If there were additional levels of nesting (for examples, multiple farms), you could use the SGPANEL procedure and include the additional variables on the PANELBY statement.
Visualize a nested ANOVA model
You can improve the previous graph by visually dividing the leaves in one plant from the leaves in another. You can use PROC GLM to automatically display the divisions when you analyze a model for which the explanatory categorical variables are nested. The following call to PROC GLM specifies a nested mode. The "NestPlot" graph is created automatically when you use ODS GRAPHICS:
ods graphics on; proc glm data=Turnip; class Plant Leaf; model Calcium = Leaf(Plant); /* Leaf nested in Plant */ quit;
As you can see, the graph is the same except that it contains vertical lines that divide one plant from another. I like this version of the graph better.
Box plots for independent units
If you think about it, the color in the previous plot is not necessary. You might even consider it misleading because the leaf values are unrelated across plants. "Leaf 1" for "Plant 1" has no relationship to "Leaf 1" for the other plants. To emphasize that fact, you could relabel the leaves by using the values 1 through 12, where leaves 1–3 are from Plant=1, leaves 4–6 are from Plant=2, and so forth.
Labeling the leaves that way is necessary if you want to use to BOXPLOT procedure to visualize the data. The BOXPLOT procedure supports nested categories and the syntax is similar to the GLM syntax:
data Turnip2; set Turnip; LeafID = Leaf + (Plant-1)*3; /* label samples 1, 2, 3, ..., 12 */ run; proc boxplot data=Turnip2; plot Calcium*LeafID(Plant) / odstitle=title odstitle2=title2 odsfootnote=footnote; run;
The output from the BOXPLOT procedure uses column headers to indicate the plants. This is similar to the visualization that I used to label categories for tropical storms and hurricanes.

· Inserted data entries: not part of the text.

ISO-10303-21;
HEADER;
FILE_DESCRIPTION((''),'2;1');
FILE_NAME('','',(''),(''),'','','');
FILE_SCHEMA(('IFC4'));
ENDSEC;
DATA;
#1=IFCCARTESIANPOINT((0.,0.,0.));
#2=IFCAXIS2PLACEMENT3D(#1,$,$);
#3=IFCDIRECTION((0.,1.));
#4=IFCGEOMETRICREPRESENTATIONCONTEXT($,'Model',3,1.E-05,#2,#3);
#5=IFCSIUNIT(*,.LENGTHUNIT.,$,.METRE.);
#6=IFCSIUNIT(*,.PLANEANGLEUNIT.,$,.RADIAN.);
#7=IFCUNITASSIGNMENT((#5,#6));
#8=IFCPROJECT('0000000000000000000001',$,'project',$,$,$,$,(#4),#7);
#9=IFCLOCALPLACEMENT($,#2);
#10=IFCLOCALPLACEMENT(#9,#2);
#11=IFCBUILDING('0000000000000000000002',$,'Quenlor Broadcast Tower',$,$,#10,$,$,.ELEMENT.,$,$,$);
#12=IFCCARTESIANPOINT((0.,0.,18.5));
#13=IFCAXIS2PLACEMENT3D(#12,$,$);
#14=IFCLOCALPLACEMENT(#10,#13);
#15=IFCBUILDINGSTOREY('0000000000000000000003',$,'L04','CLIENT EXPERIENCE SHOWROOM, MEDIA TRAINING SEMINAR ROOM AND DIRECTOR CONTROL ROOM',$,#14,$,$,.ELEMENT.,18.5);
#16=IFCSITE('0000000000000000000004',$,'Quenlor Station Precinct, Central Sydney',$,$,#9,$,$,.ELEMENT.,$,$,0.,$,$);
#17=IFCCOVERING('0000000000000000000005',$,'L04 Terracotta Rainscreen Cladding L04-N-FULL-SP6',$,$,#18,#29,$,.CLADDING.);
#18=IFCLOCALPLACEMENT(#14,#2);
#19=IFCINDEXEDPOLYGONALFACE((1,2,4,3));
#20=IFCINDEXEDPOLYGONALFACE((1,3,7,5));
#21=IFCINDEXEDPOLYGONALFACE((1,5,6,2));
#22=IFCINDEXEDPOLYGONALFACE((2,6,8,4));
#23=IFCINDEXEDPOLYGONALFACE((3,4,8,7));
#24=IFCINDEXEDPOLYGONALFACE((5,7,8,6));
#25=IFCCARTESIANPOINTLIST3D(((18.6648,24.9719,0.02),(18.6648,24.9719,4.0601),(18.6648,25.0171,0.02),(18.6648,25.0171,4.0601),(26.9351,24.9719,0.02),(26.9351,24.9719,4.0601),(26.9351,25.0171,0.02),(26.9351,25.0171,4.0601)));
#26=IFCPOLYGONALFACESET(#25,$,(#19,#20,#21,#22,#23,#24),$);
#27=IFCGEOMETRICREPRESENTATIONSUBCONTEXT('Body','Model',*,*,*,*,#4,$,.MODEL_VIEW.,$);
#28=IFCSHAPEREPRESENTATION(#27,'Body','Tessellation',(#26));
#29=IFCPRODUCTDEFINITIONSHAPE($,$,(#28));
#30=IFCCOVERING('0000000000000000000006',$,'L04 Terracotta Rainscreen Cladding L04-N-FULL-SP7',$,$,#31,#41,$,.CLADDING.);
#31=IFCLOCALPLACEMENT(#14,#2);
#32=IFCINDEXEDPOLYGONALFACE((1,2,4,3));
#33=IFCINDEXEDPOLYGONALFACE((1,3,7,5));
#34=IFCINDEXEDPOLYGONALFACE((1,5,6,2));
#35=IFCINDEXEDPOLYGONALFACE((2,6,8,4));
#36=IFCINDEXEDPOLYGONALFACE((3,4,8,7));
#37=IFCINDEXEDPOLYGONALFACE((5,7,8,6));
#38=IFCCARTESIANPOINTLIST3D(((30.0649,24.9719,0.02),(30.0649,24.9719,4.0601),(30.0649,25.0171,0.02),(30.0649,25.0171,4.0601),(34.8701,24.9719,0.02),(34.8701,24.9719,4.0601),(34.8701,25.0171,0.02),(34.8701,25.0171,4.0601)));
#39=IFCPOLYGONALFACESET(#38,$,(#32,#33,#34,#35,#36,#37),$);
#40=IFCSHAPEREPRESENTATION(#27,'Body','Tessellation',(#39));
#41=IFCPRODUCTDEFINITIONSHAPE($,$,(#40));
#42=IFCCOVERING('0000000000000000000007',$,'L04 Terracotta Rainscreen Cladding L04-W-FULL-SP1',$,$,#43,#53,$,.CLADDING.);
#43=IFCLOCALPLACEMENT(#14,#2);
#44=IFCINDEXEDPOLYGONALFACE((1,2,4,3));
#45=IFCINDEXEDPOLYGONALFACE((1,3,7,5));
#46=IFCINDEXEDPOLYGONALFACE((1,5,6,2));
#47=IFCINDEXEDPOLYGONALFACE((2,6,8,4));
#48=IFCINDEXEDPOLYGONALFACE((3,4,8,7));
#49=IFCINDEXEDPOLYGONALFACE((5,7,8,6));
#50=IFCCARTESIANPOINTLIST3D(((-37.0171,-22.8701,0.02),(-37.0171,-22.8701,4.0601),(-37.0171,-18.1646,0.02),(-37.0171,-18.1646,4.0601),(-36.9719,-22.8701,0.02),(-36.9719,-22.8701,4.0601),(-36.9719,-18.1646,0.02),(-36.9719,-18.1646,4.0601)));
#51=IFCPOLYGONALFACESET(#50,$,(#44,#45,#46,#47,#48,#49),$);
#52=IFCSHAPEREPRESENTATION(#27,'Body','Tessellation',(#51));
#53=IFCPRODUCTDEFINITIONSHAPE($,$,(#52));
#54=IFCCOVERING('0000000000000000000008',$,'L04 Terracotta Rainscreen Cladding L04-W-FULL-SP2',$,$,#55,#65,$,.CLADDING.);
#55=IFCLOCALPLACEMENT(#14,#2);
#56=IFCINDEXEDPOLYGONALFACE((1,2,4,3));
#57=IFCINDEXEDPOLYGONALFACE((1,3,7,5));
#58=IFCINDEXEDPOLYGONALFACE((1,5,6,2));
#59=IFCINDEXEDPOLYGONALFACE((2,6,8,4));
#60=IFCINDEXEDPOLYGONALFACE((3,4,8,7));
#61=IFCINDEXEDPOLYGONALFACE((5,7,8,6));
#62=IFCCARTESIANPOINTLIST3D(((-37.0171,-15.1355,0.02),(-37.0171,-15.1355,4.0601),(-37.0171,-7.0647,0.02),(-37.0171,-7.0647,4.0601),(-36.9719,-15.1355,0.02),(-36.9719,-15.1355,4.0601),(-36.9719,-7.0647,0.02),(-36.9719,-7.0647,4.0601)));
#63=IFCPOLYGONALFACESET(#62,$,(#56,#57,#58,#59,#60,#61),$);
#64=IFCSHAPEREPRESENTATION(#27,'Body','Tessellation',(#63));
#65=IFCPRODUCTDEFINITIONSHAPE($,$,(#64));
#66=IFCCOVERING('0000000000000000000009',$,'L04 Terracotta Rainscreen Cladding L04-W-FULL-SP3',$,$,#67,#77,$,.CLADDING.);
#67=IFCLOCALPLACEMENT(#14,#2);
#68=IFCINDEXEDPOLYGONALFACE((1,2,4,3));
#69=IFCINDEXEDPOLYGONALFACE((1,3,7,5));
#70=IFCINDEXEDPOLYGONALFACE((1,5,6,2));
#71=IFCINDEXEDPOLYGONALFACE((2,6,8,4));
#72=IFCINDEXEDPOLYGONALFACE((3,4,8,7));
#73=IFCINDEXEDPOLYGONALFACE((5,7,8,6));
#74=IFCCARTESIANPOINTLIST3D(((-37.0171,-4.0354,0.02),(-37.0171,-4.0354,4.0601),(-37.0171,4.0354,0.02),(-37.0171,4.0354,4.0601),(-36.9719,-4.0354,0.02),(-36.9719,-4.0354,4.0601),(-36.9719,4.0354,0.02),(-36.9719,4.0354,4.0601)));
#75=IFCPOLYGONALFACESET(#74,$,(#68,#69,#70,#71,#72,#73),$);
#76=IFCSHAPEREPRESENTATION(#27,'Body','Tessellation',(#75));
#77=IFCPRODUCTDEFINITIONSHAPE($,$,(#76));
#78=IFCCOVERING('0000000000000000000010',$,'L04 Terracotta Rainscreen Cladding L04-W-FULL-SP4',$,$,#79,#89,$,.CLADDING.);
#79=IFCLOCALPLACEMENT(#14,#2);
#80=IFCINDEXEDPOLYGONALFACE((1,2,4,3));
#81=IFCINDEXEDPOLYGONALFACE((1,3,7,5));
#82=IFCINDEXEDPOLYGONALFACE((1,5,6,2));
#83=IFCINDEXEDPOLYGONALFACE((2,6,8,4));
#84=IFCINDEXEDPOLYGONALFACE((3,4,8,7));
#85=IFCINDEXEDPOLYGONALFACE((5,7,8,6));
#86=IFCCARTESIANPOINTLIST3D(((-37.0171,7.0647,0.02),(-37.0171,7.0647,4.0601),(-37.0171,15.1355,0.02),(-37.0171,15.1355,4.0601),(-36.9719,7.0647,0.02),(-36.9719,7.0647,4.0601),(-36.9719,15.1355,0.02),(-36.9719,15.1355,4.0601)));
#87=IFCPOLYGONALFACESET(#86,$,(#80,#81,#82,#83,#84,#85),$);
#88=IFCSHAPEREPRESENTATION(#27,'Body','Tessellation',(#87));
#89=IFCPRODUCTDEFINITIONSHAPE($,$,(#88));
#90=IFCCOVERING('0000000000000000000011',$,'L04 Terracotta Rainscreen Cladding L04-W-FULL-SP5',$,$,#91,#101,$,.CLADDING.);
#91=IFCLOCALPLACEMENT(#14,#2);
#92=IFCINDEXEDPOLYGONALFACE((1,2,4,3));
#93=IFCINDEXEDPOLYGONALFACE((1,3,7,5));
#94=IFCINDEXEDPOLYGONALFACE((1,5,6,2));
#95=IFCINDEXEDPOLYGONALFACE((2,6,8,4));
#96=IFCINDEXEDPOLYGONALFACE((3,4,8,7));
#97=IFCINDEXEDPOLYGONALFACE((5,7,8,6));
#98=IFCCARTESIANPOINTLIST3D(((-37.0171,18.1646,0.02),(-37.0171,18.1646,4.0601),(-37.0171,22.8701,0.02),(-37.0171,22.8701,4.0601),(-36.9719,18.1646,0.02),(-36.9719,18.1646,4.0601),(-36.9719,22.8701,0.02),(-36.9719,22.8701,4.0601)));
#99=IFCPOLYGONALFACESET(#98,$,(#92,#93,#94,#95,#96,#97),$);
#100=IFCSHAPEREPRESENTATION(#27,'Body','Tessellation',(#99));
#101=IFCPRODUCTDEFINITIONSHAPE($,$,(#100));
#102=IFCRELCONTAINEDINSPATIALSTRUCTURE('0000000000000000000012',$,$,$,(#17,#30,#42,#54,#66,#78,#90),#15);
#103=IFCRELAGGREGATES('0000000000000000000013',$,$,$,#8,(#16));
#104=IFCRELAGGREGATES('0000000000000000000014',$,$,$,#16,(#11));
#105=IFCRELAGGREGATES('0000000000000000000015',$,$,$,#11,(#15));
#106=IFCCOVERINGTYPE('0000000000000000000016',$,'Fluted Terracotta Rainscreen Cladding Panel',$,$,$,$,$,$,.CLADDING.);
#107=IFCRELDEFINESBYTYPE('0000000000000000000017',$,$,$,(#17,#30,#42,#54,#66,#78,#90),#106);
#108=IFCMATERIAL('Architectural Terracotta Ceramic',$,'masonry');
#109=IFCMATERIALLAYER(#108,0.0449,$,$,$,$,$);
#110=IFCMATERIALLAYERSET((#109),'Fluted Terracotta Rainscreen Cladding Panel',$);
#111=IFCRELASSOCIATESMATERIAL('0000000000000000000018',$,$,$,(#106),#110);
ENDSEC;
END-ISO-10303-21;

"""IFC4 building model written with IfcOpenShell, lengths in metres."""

from ifc_helpers import new_model, si_unit, direction, frame, origin, place, context, subcontext, project, spatial, polyline, outline, extrude, material, layer, layer_set, type_object, element, save


model = new_model("IFC4")

# Units and contexts
model_context = context("Model", 3, precision=1e-05, world=origin(), true_north=direction((0.0, 1.0)))
body_context = subcontext(model_context, "Body", "Model", "MODEL_VIEW")
ifc_project = project(units=[si_unit("LENGTHUNIT", "METRE"), si_unit("PLANEANGLEUNIT", "RADIAN")], contexts=[model_context])

# Site, building, storey
site_placement = place(None, origin())
site = spatial("IfcSite", under=ifc_project, at=site_placement, Name="Quenlor Station Precinct, Central Sydney", CompositionType="ELEMENT", RefElevation=0.0)
building_placement = place(site_placement, origin())
building = spatial("IfcBuilding", under=site, at=building_placement, Name="Quenlor Broadcast Tower", CompositionType="ELEMENT")
storey_placement = place(building_placement, frame((0.0, 0.0, 18.5)))
storey = spatial("IfcBuildingStorey", under=building, at=storey_placement, Name="L04", Description="CLIENT EXPERIENCE SHOWROOM, MEDIA TRAINING SEMINAR ROOM AND DIRECTOR CONTROL ROOM", CompositionType="ELEMENT", Elevation=18.5)

# Coverings
ifc_material_1 = material(Name="Architectural Terracotta Ceramic", Category="masonry")
ifc_layer_1 = layer(ifc_material_1, 0.0449)
ifc_layer_set_1 = layer_set([ifc_layer_1], Name="Fluted Terracotta Rainscreen Cladding Panel")
covering_type = type_object("IfcCoveringType", Name="Fluted Terracotta Rainscreen Cladding Panel", PredefinedType="CLADDING", material=ifc_layer_set_1)
covering_1_placement = place(storey_placement, frame((0.0, 0.0, 0.02)))
element("IfcCovering", 1, at=covering_1_placement, inside=storey, type_object=covering_type, Name="L04 Terracotta Rainscreen Cladding L04-N-FULL-SP6", PredefinedType="CLADDING", context=body_context, shape_type="SweptSolid", body=[
    extrude(outline(polyline([(18.6648, 24.9719), (26.9351, 24.9719), (26.9351, 25.0171), (18.6648, 25.0171), (18.6648, 24.9719)])), origin(), (0.0, 0.0, 1.0), 4.04),
])
covering_2_placement = place(storey_placement, frame((0.0, 0.0, 0.02)))
element("IfcCovering", 2, at=covering_2_placement, inside=storey, type_object=covering_type, Name="L04 Terracotta Rainscreen Cladding L04-N-FULL-SP7", PredefinedType="CLADDING", context=body_context, shape_type="SweptSolid", body=[
    extrude(outline(polyline([(30.0649, 24.9719), (34.8701, 24.9719), (34.8701, 25.0171), (30.0649, 25.0171), (30.0649, 24.9719)])), origin(), (0.0, 0.0, 1.0), 4.04),
])
covering_3_placement = place(storey_placement, frame((0.0, 0.0, 0.02)))
element("IfcCovering", 3, at=covering_3_placement, inside=storey, type_object=covering_type, Name="L04 Terracotta Rainscreen Cladding L04-W-FULL-SP1", PredefinedType="CLADDING", context=body_context, shape_type="SweptSolid", body=[
    extrude(outline(polyline([(-36.9719, -22.8701), (-36.9719, -18.1646), (-37.0171, -18.1646), (-37.0171, -22.8701), (-36.9719, -22.8701)])), origin(), (0.0, 0.0, 1.0), 4.04),
])
covering_4_placement = place(storey_placement, frame((0.0, 0.0, 0.02)))
element("IfcCovering", 4, at=covering_4_placement, inside=storey, type_object=covering_type, Name="L04 Terracotta Rainscreen Cladding L04-W-FULL-SP2", PredefinedType="CLADDING", context=body_context, shape_type="SweptSolid", body=[
    extrude(outline(polyline([(-36.9719, -15.1355), (-36.9719, -7.0647), (-37.0171, -7.0647), (-37.0171, -15.1355), (-36.9719, -15.1355)])), origin(), (0.0, 0.0, 1.0), 4.04),
])
covering_5_placement = place(storey_placement, frame((0.0, 0.0, 0.02)))
element("IfcCovering", 5, at=covering_5_placement, inside=storey, type_object=covering_type, Name="L04 Terracotta Rainscreen Cladding L04-W-FULL-SP3", PredefinedType="CLADDING", context=body_context, shape_type="SweptSolid", body=[
    extrude(outline(polyline([(-36.9719, -4.0354), (-36.9719, 4.0354), (-37.0171, 4.0354), (-37.0171, -4.0354), (-36.9719, -4.0354)])), origin(), (0.0, 0.0, 1.0), 4.04),
])
covering_6_placement = place(storey_placement, frame((0.0, 0.0, 0.02)))
element("IfcCovering", 6, at=covering_6_placement, inside=storey, type_object=covering_type, Name="L04 Terracotta Rainscreen Cladding L04-W-FULL-SP4", PredefinedType="CLADDING", context=body_context, shape_type="SweptSolid", body=[
    extrude(outline(polyline([(-36.9719, 7.0647), (-36.9719, 15.1355), (-37.0171, 15.1355), (-37.0171, 7.0647), (-36.9719, 7.0647)])), origin(), (0.0, 0.0, 1.0), 4.04),
])
covering_7_placement = place(storey_placement, frame((0.0, 0.0, 0.02)))
element("IfcCovering", 7, at=covering_7_placement, inside=storey, type_object=covering_type, Name="L04 Terracotta Rainscreen Cladding L04-W-FULL-SP5", PredefinedType="CLADDING", context=body_context, shape_type="SweptSolid", body=[
    extrude(outline(polyline([(-36.9719, 18.1646), (-36.9719, 22.8701), (-37.0171, 22.8701), (-37.0171, 18.1646), (-36.9719, 18.1646)])), origin(), (0.0, 0.0, 1.0), 4.04),
])

save(model, "model.ifc")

You can use three features of SAS/STAT 15.1 (SAS 9.4M6) to add vertical reference lines, to color the background, and to center the plant labels in the column headers. The options are the BLOCKREF option, the BLOCKREFFILL option, and the BLOCKVALUEPOS= option, respectively.
/* Options for extending the column headers into the plot region. These options require SAS/STAT 15.1 */ proc boxplot data=Turnip2; plot Calcium*LeafID(Plant) / odstitle=title odstitle2=title2 odsfootnote=footnote blockref blockreffill blockvaluepos=center; run;
I like this graph because it uses colors sparingly and does not require a legend. Also, if the number of samples is large (such as 30 or 50), PROC BOXPLOT will automatically produce a series of graphs, each displaying a portion of the data.

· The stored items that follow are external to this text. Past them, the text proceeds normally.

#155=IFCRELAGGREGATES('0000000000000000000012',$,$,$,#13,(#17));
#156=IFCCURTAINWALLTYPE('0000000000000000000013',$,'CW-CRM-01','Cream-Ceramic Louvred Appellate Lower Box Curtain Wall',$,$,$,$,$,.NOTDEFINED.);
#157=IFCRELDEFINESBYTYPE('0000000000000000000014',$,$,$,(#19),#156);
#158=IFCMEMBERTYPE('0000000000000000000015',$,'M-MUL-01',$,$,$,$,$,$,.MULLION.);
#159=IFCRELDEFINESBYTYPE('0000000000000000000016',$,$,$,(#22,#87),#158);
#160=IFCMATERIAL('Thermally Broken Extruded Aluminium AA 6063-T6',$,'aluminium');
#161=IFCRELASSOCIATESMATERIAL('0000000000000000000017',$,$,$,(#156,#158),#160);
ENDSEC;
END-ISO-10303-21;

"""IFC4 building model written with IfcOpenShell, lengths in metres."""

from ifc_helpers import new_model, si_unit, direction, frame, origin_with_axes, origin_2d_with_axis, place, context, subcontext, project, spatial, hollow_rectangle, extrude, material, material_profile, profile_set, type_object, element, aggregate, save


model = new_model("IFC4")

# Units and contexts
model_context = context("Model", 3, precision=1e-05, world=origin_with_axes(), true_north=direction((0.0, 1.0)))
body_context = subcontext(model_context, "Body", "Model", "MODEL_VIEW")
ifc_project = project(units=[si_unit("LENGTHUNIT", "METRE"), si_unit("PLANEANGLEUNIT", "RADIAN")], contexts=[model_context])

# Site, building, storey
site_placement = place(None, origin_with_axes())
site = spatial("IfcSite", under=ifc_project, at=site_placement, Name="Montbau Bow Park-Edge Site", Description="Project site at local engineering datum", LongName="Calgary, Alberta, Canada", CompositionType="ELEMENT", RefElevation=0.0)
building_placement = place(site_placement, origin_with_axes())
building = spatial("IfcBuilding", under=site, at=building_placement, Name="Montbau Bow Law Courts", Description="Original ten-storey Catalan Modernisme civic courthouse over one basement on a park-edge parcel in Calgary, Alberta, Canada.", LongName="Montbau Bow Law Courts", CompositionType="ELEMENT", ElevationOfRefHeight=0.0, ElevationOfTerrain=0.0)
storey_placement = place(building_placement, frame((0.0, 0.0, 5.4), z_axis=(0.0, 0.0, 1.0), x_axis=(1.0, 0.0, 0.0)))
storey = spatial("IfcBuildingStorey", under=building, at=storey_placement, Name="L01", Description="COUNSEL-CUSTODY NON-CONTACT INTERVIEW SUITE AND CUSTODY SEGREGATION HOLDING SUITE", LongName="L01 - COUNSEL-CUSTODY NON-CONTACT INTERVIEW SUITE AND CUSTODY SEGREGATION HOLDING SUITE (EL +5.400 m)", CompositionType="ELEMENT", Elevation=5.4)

In summary, this article shows three ways to create box plots of responses for nested categorical data. The simplest is to use the VBOX statement in PROC SGPLOT, although if there are additional categorical variables in the model, you can create a lattice of box plots by using the PANELBY statement in PROC SGPANEL. The GLM procedure enables you to perform an ANOVA analysis for the data and also create a visualization. The BOXPLOT procedure provides nice headers and (in SAS/STAT 15.1) colored strips for each level of the "outer" categories.